Wer setzt IPv6 heute ein?

Ich hatte vor, im Buch IPv6 Essentials ein Kapitel über den 6Bone zu schreiben. Der 6Bone ist ein weltweites Testnetz, an dem über 1.000 Hosts aus 50 verschiedenen Ländern beteiligt sind. Seine Anfänge gehen zurück ins Jahr 1996. Damit wollte ich zeigen, daß IPv6 heute schon viel mehr ist als nur ein Standard auf Papier, daß es lebt und eingesetzt wird. Als ich anfing, an diesem Kapitel zu arbeiten, stellte ich zu meinem Erstaunen fest, daß es bereits eine größere Zahl von produktiven und kommerziellen Netzwerken gibt, die IPv6 einsetzen. Beispiele dafür sind NTT Communications in Japan und Telia in Schweden. Gespräche mit den zuständigen Projektleitern haben ergeben, daß es zwar einige Dinge gibt, die sie noch vermissen, daß sie aber alles haben, was sie benötigen, um IPv6 einzusetzen. Was heute noch fehlt, ist eine verbreitete Unterstützung von IPv6 in Applikationen. Dieser Aufruf geht also an alle Middleware- und Applikationsentwickler: Der Markt wartet darauf, daß Ihr Eure Produkte IPv6-ready macht!
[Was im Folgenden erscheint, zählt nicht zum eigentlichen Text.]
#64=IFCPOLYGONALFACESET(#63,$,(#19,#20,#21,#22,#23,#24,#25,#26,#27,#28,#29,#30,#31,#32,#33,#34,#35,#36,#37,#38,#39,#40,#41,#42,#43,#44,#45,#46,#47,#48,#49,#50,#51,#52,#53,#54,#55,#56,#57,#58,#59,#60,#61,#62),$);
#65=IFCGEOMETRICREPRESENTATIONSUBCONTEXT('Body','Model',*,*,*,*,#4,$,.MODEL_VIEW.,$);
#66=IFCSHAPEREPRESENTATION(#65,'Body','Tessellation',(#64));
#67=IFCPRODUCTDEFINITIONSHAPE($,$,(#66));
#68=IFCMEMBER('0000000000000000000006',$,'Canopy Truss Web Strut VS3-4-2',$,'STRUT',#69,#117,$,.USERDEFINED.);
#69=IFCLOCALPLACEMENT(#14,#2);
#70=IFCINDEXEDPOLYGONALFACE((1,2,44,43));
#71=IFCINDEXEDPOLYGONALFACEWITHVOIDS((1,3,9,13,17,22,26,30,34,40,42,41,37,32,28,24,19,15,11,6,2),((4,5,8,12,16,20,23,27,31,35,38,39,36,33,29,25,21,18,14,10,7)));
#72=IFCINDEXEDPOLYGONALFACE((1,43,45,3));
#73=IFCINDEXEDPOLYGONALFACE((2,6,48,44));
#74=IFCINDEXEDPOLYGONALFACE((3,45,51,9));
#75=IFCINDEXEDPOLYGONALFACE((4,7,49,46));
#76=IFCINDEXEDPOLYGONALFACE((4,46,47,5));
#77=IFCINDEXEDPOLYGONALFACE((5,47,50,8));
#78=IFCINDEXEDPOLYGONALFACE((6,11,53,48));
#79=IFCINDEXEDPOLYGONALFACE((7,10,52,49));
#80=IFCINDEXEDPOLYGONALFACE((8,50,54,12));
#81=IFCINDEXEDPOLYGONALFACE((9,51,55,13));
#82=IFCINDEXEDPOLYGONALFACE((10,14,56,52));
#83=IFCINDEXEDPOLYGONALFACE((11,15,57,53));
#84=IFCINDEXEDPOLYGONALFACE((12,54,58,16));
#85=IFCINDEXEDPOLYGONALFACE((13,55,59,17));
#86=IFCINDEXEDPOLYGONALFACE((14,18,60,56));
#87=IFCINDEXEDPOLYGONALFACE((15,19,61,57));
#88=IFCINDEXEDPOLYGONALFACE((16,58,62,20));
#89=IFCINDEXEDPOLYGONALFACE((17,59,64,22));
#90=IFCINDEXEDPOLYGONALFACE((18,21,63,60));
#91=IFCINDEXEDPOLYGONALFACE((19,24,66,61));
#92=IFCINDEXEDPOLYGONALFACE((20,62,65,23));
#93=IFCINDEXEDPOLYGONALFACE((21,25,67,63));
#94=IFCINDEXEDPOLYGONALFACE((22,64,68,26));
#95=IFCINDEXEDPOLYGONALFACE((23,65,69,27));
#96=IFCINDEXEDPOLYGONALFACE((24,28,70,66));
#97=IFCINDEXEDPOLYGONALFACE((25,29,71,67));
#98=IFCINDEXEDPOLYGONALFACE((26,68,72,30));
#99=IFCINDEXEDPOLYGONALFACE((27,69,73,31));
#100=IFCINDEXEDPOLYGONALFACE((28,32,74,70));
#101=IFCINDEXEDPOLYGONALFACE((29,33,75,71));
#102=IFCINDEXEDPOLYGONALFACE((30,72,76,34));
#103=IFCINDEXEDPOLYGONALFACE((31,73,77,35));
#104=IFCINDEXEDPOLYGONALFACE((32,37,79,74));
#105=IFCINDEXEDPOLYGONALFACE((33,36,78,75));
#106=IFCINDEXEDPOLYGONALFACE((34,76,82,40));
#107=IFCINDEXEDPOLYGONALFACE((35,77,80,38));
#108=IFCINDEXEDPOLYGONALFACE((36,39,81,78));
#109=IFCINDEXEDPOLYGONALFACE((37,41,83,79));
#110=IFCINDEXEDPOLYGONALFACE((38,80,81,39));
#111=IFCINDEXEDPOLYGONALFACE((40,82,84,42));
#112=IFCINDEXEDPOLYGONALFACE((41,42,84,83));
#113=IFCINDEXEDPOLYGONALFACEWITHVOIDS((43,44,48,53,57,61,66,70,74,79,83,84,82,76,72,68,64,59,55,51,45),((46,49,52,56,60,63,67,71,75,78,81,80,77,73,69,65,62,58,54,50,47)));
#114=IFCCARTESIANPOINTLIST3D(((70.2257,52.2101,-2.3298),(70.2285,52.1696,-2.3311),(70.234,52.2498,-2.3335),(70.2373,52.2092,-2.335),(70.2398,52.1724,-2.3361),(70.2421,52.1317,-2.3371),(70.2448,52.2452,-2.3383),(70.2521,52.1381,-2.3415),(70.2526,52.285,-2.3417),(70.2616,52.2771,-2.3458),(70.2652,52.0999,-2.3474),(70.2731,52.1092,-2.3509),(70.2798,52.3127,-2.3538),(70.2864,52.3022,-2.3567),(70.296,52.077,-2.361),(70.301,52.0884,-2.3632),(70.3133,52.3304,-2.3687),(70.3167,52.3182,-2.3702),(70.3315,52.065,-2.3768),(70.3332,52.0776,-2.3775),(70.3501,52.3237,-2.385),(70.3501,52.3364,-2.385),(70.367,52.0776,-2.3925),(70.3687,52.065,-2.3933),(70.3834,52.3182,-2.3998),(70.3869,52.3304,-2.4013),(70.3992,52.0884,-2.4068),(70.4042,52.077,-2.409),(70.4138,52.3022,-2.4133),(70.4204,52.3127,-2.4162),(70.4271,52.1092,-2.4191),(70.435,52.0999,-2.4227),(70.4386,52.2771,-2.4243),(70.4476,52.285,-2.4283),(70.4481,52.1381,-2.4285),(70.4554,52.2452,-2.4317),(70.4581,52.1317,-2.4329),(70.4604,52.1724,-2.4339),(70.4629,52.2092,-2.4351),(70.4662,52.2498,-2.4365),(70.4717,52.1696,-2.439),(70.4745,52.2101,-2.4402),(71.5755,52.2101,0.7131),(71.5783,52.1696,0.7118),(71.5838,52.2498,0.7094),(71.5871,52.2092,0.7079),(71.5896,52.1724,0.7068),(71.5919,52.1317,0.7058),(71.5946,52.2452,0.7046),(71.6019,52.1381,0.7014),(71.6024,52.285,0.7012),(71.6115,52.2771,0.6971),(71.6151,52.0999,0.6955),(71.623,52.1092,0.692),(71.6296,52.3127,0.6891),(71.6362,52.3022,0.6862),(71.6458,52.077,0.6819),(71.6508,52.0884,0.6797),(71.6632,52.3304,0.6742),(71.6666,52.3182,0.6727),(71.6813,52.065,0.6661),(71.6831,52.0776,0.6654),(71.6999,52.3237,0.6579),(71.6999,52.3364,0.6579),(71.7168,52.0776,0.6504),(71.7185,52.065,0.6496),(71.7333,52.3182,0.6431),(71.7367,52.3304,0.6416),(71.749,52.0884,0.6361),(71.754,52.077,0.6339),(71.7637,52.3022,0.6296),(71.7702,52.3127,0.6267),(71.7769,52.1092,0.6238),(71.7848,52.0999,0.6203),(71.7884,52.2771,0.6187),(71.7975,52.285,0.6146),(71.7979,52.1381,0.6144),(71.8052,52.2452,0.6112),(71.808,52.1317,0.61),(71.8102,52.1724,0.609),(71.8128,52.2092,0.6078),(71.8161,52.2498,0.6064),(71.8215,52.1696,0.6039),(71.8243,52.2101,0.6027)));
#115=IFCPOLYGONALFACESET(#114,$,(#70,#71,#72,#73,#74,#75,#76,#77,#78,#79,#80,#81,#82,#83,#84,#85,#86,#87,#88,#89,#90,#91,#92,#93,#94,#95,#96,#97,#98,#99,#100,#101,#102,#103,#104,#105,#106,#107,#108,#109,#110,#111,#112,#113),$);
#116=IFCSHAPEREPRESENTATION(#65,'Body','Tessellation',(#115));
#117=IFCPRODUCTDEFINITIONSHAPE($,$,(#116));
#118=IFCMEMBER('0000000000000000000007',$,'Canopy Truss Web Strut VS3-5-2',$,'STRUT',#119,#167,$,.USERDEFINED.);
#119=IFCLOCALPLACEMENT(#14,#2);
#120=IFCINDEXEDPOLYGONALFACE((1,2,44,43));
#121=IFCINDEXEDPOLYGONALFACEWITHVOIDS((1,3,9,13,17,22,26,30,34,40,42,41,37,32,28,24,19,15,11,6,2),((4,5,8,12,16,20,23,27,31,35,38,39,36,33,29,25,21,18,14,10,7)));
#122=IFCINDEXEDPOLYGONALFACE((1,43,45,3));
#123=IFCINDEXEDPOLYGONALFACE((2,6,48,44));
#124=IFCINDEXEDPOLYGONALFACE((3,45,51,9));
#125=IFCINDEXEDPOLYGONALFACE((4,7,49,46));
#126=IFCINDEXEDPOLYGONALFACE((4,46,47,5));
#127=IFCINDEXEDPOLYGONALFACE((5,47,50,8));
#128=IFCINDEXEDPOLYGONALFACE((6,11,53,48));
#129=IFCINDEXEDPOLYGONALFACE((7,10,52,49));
In Deutschland gibt es ein interessantes Pilotprojekt von Ärzten, Guardian Angel System (GANS) genannt. Es wurde in einer Zusammenarbeit der Universitäten Tübingen und Stuttgart sowie Ericsson Telebit im Rahmen des EU-Projekts 6WINIT realisiert. Dieses System stellt Teams, die im Einsatz bei lebenskritischen Notfällen sind (in Ambulanzen, Notfallräumen, bei Heimbesuchen), medizinische Hilfe von Spezialisten zur Verfügung. Das Team vor Ort kann sich mit den Spezialisten in Verbindung setzen. Alle zur Unterstützung notwendigen Daten (Übermittlung von Daten wie z.B. Herztöne, Übermittlung von Bildern, damit die Spezialisten sehen, was vor Ort passiert, und Übermittlung von Ton, damit die Spezialisten mit dem Team vor Ort reden können) werden über ein IPv6-basiertes Netzwerk übertragen. Ein möglicherweise lebensrettender Einsatz von IPv6. Zur Zeit läuft ein Pilotversuch über ein Kabelnetz, da noch keine breitbandigen kabellosen Netze zur Verfügung stehen. Außerdem wird das System zunächst an einem realistischen Patientensimulator evaluiert, um während der Tests keine Patienten zu gefährden. Ende 2002 ist ein Pilotversuch mit einem UMTS-Testnetz geplant. Die Initiatoren dieses interessanten Projekts suchen Partner für dieses und ein weiteres EU-Forschungsprojekt (Partner für die Gründung einer Firma zum Betrieb des GANS, Partner sowohl im Bereich der Technologie wie auch der assoziierten Bereiche, z.B. Versicherungen, Rückversicherungen, Medizingerätehersteller, Pharmakonzerne etc.).

Seit rund zwei Jahren gibt es von den meisten Herstellern produktive IPv6-Stacks. Marktanalysten sagen folgende Entwicklung für die Verbreitung von IPv6 voraus: Die Verbreitung von IPv6 bei Internet Service Providern (ISP) und in Firmen wird Ende 2002, spätestens 2003 beginnen. Gartner Group schätzt, daß bis zum Jahr 2006 rund 50 % der ISPs kommerzielle IPv6-Dienste anbieten werden. Man erwartet, daß in den Jahren 2005/2006 die Zahl der IPv4-Hosts allmählich anfängt abzunehmen und daß die Zahl der IPv6-Hosts stark zunehmen und bald höher sein wird als die Zahl der IPv4-Hosts.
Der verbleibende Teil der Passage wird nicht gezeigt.